The philosophy of mysticism was dominated by the perennial philosophy view for many decades. With the rise of the linguistic turn in the 20th century, deconstruction and constructivism brought a new critique and understanding to the philosophy of mysticism. Steven's Katz's Mysticism and Philosophical Analysis from 1978 is the best-known collection of constructivist or anti-perennial philosophy views. Constructivists argue that it is language that allows us to have a conscious experience of what we conceive of as reality. Language arises from socio-cultural contexts, one aspect of which is religious traditions. Mystical practices are embedded within the particular world-views of these religious traditions. These contexts determine the content and form of the mystical experiences that spiritual practitioners have. In contrast to the perennial philosophy, which sees the similarities between seemingly different mystical traditions, constructivism demonstrates the essential differences between differing traditions through a close analysis of the writings of mystical practitioners.
Within academia, while Katz's book was being published and the philosophy of mysticism was moving away from the perennial philosophy tradition, outside academia, Wilber was just making a name for himself with his updating of the perennial tradition in his successful first book, The Spectrum of Consciousness. Part of Wilber's task in that book was to resurrect the perennial tradition by arguing that the differing experiences of Reality reported by the world's mystics are actually pointing to the same Reality and so serve to confirm their individual approaches. If all the major traditions keep seeing the same Reality, that is evidence for the scientific validity of the approaches. Katz et al.'s constructivism stands in the way of Wilber's validating mysticism as an actual perception of Reality and as the pinnacle of evolution's movement towards manifesting Spirit.
In two long footnotes Wilber tries strenuously to defeat the constructivists. In so doing he twists himself into such an intellectual tangle that it is hard to disentangle his thinking. This in itself is an indication of trouble because Wilber is generally a clear and consistent writer; if his writing is this confused then something probably isn't working. Wilber's initial statement of Katz's position is mostly accurate. All experiences are mediated by language, cultural background, mental concepts etc. Since all experience is mediated it cannot be claimed that mystics attain a direct, unmediated, experience of Reality. Wilber quotes Katz: “'there are NO pure (i.e. unmeditated) experiences.'” Wilber misleadingly omits that Katz states that the previous statement is his “single epistemological assumption.” Katz does not claim it is an absolute truth. By failing to mention this, Wilber can later claim that Katz contradictorily states that it is absolutely true that there are no absolute truths and gets caught in the relativist self-contradiction paradox.

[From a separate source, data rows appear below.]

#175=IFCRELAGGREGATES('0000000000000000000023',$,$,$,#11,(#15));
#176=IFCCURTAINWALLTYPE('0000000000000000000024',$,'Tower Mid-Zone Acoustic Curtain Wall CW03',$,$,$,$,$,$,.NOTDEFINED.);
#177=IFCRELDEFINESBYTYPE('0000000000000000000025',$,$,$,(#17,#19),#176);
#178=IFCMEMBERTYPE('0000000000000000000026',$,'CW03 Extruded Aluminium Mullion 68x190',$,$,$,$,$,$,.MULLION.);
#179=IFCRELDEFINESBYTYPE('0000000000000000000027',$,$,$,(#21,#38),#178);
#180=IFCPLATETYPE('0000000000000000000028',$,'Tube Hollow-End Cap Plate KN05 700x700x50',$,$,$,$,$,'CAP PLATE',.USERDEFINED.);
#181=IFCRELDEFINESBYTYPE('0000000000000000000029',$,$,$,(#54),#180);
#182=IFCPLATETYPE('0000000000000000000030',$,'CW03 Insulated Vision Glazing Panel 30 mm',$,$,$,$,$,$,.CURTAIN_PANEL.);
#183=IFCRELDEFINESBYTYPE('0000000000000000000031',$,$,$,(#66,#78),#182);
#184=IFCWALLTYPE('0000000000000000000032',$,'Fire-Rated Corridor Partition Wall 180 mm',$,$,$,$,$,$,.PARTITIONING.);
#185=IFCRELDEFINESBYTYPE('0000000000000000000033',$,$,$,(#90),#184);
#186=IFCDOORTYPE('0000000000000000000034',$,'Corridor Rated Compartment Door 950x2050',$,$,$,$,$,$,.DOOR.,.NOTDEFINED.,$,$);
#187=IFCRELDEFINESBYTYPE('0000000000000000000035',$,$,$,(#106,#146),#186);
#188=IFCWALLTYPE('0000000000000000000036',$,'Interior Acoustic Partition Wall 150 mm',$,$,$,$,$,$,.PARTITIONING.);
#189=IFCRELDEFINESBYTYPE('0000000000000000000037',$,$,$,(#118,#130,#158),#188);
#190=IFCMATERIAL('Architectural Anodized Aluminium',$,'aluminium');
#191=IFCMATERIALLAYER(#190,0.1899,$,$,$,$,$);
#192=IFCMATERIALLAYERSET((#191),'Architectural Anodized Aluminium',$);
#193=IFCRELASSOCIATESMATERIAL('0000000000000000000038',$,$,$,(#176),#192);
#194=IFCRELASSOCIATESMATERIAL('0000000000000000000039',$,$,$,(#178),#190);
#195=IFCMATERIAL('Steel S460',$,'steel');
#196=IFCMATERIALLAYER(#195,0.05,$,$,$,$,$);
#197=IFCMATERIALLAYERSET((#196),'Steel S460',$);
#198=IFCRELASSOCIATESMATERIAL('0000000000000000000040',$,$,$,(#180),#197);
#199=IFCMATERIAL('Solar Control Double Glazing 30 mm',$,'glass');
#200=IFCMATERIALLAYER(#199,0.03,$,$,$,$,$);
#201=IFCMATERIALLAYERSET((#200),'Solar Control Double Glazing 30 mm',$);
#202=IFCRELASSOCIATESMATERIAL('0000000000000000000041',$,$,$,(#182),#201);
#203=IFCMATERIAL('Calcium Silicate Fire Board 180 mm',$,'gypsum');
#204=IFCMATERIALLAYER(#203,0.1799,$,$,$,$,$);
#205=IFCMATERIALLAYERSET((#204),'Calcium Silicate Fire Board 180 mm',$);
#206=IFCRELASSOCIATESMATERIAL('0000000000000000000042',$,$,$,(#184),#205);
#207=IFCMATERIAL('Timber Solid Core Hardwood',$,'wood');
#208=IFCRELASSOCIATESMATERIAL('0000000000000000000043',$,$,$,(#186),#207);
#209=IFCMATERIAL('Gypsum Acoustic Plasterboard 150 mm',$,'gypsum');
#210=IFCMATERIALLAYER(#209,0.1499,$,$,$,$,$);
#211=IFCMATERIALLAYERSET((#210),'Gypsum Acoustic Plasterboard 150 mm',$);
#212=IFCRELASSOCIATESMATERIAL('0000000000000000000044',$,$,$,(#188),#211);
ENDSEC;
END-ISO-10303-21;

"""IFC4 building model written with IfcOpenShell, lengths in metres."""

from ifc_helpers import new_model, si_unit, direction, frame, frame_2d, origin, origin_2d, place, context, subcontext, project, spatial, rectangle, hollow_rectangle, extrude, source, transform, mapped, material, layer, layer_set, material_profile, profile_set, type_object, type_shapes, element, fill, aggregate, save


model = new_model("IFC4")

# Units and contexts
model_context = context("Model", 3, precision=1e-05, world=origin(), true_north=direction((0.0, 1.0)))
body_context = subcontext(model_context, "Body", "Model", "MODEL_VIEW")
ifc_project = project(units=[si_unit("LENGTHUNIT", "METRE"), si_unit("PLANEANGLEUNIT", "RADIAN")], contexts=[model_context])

Wilber also overstates the degree to which Katz et al. do not allow for cross-cultural similarities. He describes their position as “there can be no commonalities (or cross-cultural similarities) in mystical experiences.” This is too strong a statement of the constructivist's position. They can certainly allow “similarities.” It is identities that they would say we cannot be sure of. Wilber needs to exaggerate the constructivist position on this point in order to catch them later through an argument he has devised to counter the “no commonalities (or cross-cultural similarities” position they have tendentiously been assigned.
In beginning his response, Wilber surprisingly tries to out-constructivize the constructivists by asserting that they do not go far enough. They, he says, make a distinction between raw experience and how it gets mediated by language, culture etc. But since “every holon and therefore every experience is always already situated, mediated, contextual” the whole experience/meditation dichotomy breaks down. “Everything is always already a context in a context.” Wilber appears to be saying that by even using the concept of experience the constructivists undermine their assertion of total mediation because it is all mediation. This kind of radical deconstruction is quite suggestive, but it is not a position that Wilber adopts.

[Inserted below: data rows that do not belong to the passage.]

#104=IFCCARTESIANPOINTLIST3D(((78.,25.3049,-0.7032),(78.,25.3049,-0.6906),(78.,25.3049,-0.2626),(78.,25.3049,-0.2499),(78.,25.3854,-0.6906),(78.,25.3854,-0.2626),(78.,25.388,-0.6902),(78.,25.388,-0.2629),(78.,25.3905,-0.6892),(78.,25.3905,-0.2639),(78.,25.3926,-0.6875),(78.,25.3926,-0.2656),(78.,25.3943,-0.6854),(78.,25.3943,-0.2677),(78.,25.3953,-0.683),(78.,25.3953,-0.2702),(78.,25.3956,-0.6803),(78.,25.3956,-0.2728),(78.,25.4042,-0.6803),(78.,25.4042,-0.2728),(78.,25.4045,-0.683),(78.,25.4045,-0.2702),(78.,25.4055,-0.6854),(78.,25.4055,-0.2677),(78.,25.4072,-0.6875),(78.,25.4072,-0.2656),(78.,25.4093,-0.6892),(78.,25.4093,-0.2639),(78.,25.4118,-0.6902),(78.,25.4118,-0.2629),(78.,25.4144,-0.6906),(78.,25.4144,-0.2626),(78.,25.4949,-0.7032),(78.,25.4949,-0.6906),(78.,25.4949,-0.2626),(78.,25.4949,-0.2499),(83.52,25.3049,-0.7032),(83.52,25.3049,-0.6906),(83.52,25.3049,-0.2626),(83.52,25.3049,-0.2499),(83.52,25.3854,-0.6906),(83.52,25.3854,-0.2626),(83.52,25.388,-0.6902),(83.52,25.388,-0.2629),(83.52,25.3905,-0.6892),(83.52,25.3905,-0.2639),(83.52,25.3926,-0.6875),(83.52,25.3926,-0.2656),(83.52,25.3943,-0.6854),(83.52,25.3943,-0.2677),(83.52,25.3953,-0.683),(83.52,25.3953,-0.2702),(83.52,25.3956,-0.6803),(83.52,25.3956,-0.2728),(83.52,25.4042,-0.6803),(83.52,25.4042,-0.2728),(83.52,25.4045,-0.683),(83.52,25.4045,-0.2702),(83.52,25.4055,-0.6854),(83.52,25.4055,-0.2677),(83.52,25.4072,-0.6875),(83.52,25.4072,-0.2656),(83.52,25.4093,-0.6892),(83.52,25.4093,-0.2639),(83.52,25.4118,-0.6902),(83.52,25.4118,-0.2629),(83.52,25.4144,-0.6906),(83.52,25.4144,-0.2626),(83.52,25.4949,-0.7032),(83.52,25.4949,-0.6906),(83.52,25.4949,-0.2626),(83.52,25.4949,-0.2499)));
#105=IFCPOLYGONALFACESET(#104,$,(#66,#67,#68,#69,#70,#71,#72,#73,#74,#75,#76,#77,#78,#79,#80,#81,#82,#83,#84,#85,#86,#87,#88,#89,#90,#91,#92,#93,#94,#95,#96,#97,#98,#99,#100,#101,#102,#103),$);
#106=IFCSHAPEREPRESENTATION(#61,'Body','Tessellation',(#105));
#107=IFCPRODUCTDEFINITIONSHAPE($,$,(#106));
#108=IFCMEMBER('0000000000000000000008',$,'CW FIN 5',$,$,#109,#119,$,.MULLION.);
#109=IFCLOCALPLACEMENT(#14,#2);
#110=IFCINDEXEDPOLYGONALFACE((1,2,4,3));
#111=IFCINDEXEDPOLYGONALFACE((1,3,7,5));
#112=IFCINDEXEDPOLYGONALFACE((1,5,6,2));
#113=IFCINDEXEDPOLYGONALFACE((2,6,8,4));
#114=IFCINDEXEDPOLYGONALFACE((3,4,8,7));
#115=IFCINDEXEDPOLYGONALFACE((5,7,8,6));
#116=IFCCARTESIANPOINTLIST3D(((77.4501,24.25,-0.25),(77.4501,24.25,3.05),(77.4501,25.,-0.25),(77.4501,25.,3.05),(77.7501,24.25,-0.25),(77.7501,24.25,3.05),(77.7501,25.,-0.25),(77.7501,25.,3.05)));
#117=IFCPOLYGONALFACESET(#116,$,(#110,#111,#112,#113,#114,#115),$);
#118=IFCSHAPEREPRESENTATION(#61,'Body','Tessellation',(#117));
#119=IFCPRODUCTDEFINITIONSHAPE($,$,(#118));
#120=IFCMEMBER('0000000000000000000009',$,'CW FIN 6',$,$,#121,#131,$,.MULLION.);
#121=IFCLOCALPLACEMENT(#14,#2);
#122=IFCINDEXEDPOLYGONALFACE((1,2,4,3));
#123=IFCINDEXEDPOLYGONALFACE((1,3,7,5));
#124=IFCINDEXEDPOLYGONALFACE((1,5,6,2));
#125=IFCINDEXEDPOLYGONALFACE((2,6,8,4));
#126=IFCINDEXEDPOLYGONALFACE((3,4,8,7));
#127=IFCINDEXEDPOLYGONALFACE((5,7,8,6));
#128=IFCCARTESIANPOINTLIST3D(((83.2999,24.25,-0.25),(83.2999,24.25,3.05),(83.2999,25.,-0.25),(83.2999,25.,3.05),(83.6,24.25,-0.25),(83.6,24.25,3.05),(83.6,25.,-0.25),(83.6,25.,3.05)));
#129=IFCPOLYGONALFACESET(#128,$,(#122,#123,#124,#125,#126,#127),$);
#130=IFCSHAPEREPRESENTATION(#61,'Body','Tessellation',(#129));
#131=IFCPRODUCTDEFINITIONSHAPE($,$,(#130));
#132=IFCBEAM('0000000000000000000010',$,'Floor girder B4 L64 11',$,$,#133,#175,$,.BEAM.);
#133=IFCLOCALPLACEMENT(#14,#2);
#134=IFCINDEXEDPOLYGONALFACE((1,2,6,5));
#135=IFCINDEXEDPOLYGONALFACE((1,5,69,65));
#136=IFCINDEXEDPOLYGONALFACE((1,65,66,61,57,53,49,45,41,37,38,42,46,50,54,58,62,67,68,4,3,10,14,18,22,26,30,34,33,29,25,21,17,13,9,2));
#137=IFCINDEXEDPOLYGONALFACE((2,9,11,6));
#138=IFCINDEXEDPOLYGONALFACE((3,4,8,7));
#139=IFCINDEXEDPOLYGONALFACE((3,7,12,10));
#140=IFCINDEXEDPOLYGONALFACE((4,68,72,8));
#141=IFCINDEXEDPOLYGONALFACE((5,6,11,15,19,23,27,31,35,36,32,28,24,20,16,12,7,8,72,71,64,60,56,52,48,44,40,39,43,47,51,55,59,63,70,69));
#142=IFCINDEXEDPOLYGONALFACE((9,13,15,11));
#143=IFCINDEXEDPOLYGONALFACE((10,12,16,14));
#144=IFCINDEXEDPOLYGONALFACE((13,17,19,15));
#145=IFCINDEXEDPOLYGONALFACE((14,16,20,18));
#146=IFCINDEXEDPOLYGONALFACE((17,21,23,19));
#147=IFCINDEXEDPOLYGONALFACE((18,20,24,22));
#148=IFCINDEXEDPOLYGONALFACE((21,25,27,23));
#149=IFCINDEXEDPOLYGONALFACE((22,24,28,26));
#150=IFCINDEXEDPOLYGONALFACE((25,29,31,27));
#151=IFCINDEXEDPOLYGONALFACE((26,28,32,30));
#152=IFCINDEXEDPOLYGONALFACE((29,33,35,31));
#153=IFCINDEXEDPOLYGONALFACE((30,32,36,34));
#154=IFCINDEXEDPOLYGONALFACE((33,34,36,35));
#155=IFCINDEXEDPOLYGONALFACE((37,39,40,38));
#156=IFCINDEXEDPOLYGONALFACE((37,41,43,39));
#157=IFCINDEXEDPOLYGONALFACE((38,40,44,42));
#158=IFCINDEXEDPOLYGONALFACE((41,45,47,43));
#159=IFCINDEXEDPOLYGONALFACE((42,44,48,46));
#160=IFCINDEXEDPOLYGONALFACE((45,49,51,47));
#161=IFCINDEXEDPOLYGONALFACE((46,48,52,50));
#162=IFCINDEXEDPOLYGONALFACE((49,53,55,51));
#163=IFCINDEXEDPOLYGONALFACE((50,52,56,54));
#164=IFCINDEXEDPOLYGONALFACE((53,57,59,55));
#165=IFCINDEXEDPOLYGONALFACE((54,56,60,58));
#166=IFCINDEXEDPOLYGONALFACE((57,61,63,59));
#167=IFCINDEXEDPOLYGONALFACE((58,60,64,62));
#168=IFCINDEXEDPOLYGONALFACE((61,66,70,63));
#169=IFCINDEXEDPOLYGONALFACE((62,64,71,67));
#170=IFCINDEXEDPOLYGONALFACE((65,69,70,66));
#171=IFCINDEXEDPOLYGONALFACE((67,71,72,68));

Wilber then launches into a convoluted argument which ends in a contradiction. After having said that “every experience is always already situated, mediated, contextual” and “It is not that 'original experiences' arrive to be reworked by mental concepts; the original experiences are not original,” he then says, a page later, that “In short, experience is immediate prehension of whatever mediated contexts are given, and that is why all experience is both pure (immediate) and contextual” Wilber is contradictorily asserting that, on the one hand, experience is wholly mediated and, on the other hand, has elements of mediation and unmediation.
Wilber seems to think that mediation means separation and that if all is mediated we could not know anything without a point of immediacy or touching. He writes, “At the moment of touch, there is no mediation; if there is mediation, there is no touching.” But mediation needn't be thought of like this. Mediation is generally understood as the way in which we know or touch things. For example, the mass media is the filter through which we get the news and is simultaneously what keeps us from knowing what is really going on.
Wilber then leaves off with this line of attack and returns to his old standby the self-contradiction argument. “Katz claims that all experience is mediated and that this is true for all cultures . . . thus he is claiming to be in possession of a non-relative truth that is true cross-culturally and universally” Wilber concludes that Katz, like all strong constructivists contradicts himself. This argument is easily countered though. Matthew Bagger argues that Katz's “assumption” or “intuition” need not be understood as an a priori assumption or absolute proclamation made before the facts. It can be understood as an a posteriori working hypothesis which will rely for its validity upon the empirical evidence Katz adduces in support of his view. The works he has collected in his three anthologies of writing on mysticism are, in part, an effort to show the efficacy of that assumption for mysticism studies. If a scholar wants to argue against the constructivists view he or she must show how these empirical analyses of differing mystical texts are faulty.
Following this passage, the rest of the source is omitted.